Do you eventually plan to sell your business? These 10 top tips will help ensure you prepare properly and realise its true value
Do you eventually plan to sell your business? These 10 top tips will help ensure you prepare properly and realise its true value
When in the throes of setting up a new business, the last thing most people are thinking about is leaving it – but that could be a mistake. The early days are when the business is structured and processes put in place – areas that can prove a massive headache at the time of a sale if you don’t approach them in a professional way.
Startups are renowned for being ‘all hands on deck’ with founders and early employees performing a multitude of tasks, some of which may be outside their area of expertise (social media, anyone?) Yet it is vital that the driving force behind the business – the entrepreneurs – are focused on building long-term wealth into it with strategic planning and not simply reacting to daily challenges as they crop up.
To drive value into your business, you cannot underestimate the importance of your staff. To retain their skills in the long-term as you grow and secure their emotional investment alongside your own, introduce a share scheme where employees can buy into the business when they join – and eventually benefit from a sale.
No doubt you have a business plan to identify how and where to execute your growth strategy… it’s practically impossible to secure investment without one. But as soon as you are motoring, put time and resources into also creating an exit plan – identifying the stepping stones along the way which will create the perfect business for a sale.

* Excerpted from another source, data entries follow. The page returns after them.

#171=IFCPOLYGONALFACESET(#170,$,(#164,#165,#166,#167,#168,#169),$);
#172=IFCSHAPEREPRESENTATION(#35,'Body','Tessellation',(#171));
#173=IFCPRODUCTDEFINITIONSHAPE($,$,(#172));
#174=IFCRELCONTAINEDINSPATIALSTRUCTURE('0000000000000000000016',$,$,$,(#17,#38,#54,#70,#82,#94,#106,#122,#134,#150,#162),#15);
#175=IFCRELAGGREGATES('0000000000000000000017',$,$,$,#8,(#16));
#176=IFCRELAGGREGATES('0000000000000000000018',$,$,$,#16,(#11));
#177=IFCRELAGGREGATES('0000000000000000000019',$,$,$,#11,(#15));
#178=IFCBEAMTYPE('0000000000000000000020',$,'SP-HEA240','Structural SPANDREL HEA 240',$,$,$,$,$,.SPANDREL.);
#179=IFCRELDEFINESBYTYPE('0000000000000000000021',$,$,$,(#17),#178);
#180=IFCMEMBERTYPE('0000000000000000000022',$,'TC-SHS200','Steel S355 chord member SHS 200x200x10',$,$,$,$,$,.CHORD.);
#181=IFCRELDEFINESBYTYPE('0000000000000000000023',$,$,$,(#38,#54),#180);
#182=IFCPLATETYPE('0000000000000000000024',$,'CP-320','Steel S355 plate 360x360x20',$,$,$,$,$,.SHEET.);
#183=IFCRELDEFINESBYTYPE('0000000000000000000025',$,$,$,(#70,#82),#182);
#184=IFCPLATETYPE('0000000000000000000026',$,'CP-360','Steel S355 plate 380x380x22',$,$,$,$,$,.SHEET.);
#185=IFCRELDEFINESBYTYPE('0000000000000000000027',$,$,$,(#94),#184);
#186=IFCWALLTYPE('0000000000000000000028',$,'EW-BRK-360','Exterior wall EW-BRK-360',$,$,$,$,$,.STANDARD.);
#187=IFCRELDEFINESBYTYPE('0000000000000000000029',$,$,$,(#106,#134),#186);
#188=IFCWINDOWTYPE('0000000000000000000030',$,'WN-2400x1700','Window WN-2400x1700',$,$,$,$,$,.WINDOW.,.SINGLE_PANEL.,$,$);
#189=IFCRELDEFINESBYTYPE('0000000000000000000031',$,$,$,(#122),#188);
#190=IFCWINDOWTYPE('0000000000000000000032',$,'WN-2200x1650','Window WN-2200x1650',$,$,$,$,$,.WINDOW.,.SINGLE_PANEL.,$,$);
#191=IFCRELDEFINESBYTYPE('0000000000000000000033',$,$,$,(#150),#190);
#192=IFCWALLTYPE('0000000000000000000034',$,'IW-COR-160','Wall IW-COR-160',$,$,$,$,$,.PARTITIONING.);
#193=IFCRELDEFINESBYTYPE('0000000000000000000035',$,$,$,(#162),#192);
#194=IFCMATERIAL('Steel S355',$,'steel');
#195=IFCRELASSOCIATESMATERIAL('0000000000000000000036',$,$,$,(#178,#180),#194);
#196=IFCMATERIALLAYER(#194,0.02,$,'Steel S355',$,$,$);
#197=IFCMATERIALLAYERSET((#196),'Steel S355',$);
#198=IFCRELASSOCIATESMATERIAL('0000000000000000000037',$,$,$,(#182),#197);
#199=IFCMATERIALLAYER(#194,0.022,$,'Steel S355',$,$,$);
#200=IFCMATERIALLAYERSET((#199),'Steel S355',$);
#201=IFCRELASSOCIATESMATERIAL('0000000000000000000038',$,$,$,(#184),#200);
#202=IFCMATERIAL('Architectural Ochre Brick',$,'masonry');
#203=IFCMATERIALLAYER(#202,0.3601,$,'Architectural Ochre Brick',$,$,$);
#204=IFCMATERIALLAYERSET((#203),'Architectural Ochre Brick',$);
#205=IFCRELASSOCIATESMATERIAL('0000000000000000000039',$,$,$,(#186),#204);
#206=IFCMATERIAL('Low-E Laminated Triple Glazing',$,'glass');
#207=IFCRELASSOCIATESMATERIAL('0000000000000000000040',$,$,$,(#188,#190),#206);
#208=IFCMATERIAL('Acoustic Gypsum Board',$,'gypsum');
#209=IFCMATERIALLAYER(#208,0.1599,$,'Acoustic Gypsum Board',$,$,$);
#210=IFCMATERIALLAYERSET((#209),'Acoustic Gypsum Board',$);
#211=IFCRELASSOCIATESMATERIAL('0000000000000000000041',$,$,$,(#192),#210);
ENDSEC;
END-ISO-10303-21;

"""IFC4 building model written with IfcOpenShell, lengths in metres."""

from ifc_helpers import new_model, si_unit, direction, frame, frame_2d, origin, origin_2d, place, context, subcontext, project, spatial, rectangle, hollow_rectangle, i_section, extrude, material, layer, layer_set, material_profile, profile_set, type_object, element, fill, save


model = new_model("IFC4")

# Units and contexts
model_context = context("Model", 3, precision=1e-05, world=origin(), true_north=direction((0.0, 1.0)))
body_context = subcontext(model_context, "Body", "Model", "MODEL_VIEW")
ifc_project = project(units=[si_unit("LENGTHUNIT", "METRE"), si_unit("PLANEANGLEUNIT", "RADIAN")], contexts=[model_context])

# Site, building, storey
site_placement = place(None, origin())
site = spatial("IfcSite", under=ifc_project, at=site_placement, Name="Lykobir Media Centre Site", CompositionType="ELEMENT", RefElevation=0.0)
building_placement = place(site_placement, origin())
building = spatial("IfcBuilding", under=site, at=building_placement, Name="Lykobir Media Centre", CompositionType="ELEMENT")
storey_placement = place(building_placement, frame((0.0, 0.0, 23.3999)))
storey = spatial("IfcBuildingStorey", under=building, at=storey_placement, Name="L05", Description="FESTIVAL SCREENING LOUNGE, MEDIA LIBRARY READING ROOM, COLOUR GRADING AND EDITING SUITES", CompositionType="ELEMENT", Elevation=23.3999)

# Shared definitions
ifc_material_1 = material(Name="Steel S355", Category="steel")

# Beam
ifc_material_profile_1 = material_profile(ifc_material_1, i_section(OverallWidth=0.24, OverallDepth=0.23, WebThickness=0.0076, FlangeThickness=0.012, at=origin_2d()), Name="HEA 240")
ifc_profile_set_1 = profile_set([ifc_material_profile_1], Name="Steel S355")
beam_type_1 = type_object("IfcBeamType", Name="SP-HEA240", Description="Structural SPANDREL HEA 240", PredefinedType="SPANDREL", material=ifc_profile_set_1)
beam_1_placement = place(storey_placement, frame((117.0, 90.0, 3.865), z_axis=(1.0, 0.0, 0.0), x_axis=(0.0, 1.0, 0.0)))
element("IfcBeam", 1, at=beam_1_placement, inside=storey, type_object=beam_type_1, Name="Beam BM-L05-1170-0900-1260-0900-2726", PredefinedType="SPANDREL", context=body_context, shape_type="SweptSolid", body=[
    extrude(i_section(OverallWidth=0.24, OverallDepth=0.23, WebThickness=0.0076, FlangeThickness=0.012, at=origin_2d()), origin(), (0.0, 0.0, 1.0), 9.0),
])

It is crucial to find reputable legal and corporate finance advisors to work with you on a sale – whether to a rival business, one that complements it or a private equity company. The chances are the situation will become tense at some point and having credible figures alongside you who have seen it all before can be a vital source of reassurance.
As the founder of a business involved from day one, you are emotionally attached and pretty much incapable of calculating an unbiased estimate of its true value. Likewise a buyer will be keen to acquire the business at the lowest possible price. Take heed of trusted third parties – almost always involved in the sale process anyway – and their assessment of its worth.

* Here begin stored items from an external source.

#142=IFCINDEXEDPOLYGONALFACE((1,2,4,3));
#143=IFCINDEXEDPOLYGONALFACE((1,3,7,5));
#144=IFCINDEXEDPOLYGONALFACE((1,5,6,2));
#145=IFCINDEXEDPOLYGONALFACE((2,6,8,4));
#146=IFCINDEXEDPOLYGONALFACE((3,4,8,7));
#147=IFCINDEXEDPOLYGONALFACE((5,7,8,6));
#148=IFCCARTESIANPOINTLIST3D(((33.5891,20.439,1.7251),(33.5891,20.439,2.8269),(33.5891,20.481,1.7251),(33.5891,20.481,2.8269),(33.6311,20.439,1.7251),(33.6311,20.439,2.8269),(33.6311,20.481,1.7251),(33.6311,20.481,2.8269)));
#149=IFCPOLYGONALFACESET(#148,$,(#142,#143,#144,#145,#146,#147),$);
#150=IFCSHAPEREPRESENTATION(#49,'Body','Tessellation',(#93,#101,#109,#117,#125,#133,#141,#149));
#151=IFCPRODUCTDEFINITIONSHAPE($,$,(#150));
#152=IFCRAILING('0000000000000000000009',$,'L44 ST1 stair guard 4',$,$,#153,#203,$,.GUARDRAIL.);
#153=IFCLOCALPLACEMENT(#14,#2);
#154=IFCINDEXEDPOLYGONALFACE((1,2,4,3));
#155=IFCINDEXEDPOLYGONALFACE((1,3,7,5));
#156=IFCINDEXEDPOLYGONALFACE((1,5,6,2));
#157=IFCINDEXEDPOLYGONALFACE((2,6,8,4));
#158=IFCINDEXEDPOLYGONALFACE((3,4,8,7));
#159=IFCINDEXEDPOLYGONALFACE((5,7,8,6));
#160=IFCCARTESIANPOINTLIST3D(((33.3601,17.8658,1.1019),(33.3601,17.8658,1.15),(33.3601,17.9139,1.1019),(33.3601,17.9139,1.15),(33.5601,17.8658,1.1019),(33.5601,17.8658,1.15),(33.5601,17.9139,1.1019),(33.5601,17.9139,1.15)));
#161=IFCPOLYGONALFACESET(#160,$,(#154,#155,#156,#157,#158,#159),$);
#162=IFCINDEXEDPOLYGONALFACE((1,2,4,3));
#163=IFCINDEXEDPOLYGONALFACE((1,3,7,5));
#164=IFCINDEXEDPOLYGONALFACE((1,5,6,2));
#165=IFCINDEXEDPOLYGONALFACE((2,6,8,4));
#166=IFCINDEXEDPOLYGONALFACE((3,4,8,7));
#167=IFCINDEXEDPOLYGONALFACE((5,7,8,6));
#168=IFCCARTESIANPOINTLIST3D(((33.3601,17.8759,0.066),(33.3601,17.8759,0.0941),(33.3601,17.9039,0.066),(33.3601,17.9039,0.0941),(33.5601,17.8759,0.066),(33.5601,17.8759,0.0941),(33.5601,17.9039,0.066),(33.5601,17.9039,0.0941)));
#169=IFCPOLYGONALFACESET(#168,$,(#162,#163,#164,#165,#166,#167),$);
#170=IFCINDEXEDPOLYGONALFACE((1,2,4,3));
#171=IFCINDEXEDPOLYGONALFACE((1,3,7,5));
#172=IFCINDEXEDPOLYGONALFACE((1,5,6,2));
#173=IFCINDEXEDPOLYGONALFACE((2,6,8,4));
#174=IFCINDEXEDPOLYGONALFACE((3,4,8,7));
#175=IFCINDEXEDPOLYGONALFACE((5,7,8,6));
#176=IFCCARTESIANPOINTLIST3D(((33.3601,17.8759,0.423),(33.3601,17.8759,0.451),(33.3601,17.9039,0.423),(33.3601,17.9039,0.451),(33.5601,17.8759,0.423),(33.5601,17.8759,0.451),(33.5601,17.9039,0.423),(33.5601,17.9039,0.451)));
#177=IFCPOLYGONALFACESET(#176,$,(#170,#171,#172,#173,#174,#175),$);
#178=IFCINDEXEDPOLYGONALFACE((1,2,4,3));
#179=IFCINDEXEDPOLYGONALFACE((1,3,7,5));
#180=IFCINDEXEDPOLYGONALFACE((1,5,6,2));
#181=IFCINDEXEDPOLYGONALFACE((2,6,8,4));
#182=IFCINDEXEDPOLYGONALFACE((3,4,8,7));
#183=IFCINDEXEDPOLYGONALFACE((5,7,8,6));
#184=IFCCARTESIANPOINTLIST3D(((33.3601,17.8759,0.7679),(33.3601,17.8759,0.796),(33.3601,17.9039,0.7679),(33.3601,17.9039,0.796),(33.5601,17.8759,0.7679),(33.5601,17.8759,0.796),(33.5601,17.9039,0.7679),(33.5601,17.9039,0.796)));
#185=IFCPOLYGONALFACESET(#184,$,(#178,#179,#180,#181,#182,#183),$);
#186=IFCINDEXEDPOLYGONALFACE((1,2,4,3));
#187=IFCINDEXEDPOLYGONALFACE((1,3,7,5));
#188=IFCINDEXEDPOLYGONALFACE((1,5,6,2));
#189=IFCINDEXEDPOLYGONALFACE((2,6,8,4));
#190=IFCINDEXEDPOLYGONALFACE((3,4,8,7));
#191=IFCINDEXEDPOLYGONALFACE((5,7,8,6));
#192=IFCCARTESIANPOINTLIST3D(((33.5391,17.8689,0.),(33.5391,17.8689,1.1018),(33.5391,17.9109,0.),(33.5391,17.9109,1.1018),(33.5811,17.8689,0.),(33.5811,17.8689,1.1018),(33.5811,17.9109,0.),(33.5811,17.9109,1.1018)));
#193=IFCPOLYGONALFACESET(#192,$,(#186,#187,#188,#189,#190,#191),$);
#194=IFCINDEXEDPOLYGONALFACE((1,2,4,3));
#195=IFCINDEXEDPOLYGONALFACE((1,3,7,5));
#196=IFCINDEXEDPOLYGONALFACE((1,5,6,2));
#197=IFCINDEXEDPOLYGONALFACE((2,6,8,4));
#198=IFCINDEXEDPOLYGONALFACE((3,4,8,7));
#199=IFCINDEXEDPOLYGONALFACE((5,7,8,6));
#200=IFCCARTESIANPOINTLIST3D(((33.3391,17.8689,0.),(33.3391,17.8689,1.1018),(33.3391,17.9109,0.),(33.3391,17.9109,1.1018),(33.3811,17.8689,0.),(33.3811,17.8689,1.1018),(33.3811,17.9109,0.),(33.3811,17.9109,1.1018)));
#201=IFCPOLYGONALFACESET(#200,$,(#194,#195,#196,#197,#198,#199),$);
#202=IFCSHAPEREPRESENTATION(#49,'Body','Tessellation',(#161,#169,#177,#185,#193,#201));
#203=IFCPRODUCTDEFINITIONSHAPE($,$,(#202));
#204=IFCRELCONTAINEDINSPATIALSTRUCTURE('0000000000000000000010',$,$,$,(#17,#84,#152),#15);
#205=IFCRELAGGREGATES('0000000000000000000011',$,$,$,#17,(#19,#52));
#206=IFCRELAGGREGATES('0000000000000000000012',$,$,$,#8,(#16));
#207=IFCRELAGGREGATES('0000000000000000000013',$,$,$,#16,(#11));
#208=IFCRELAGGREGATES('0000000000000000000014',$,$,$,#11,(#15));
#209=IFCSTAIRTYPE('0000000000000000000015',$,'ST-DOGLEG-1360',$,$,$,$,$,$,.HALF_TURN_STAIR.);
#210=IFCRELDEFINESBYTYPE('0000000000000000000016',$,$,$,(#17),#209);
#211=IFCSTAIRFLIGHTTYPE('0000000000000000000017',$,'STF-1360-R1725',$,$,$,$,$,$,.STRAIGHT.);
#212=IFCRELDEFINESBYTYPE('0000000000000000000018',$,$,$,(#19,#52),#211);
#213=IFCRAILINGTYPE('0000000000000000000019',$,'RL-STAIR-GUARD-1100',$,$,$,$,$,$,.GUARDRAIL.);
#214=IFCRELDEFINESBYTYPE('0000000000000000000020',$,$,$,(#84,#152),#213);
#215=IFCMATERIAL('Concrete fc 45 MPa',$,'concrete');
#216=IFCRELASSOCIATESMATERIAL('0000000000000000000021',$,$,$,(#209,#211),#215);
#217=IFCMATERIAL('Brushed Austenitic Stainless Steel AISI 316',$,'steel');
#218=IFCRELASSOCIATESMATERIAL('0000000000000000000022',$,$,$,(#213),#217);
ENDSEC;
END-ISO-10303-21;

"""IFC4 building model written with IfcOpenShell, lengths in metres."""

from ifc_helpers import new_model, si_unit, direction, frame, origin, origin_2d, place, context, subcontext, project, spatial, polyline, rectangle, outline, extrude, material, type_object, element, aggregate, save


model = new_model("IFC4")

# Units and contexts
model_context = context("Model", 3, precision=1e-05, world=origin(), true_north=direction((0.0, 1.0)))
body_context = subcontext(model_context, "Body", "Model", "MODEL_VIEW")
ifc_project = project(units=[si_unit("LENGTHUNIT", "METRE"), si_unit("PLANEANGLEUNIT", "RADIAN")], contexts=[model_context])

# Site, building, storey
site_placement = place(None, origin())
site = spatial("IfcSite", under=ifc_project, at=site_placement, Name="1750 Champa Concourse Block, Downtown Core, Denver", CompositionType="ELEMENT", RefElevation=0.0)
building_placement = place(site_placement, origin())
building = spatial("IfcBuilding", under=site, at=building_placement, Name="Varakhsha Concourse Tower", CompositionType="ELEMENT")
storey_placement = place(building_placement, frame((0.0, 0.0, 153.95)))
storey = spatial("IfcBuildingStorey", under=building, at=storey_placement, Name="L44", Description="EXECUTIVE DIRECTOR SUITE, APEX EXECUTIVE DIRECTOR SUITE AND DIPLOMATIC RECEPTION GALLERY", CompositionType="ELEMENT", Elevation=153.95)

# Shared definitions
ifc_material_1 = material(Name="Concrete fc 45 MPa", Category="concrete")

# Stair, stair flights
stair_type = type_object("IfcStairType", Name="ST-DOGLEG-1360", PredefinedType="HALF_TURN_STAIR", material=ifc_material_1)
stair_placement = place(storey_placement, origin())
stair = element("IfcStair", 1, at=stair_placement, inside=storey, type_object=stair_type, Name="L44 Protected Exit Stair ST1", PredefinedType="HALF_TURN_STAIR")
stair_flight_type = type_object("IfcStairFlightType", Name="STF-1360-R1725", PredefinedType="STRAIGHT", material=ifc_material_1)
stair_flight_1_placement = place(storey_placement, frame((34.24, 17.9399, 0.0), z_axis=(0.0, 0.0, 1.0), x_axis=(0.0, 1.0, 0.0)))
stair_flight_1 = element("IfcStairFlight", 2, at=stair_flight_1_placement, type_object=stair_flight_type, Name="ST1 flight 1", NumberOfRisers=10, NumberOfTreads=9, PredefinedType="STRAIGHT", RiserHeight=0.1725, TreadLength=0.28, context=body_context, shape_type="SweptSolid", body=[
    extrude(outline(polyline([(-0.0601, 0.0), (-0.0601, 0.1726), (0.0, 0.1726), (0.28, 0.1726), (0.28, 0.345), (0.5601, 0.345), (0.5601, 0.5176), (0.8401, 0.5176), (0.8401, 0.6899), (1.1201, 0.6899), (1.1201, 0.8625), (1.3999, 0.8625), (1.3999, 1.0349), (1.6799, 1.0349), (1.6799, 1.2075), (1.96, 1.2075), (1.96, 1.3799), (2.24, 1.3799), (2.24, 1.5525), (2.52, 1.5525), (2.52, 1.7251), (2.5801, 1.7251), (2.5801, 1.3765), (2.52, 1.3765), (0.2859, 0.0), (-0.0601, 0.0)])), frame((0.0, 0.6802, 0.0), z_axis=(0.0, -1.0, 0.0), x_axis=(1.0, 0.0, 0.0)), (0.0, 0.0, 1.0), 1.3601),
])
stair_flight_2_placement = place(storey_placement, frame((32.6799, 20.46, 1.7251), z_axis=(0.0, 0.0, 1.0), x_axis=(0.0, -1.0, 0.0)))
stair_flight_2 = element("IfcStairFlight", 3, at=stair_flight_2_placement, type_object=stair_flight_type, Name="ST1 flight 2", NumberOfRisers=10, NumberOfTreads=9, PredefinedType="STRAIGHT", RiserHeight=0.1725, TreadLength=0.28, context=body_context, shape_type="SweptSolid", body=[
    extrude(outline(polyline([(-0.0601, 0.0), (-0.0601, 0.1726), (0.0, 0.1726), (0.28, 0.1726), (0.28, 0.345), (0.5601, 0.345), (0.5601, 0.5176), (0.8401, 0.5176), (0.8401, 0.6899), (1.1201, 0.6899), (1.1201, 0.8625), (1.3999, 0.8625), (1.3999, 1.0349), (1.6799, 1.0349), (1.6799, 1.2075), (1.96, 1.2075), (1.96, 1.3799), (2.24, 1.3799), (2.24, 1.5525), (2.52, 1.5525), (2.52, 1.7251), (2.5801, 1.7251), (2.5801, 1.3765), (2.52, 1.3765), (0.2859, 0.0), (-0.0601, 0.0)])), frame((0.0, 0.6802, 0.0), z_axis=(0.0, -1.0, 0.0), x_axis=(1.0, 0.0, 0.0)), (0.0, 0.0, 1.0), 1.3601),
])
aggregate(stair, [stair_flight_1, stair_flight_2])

An obvious source of guidance for an owner who will one day sell up are the investors backing the business – after all, they one day hope to see a return. Often they have built and sold businesses themselves or are vastly experienced in deal flow. Picking up the phone to trusted business contacts for advice is always a great idea. There are also specialist companies who can help plan for an exit.
When identifying a buyer, consider what the resulting transaction may mean for your workforce: a trade sale can be a worrying time for those who rely on the regular paycheque to pay their mortgage and put food on the table.
You may realise the most financial value from a trade sale to a buyer who approached you. But does it tick all the boxes? By proactively screening for potential acquirers and discussing the opportunity with them, you can increase the likelihood of exiting to a responsible company with the best interests of your baby at heart. Just have them sign an NDA first…
Just because a sale is agreed, it doesn’t mean that the job is done. In fact, you’re only halfway there. Hurdles almost always crop up which may affect the outlook – from big ones such as COVID to small-scale changes in the market or regulation.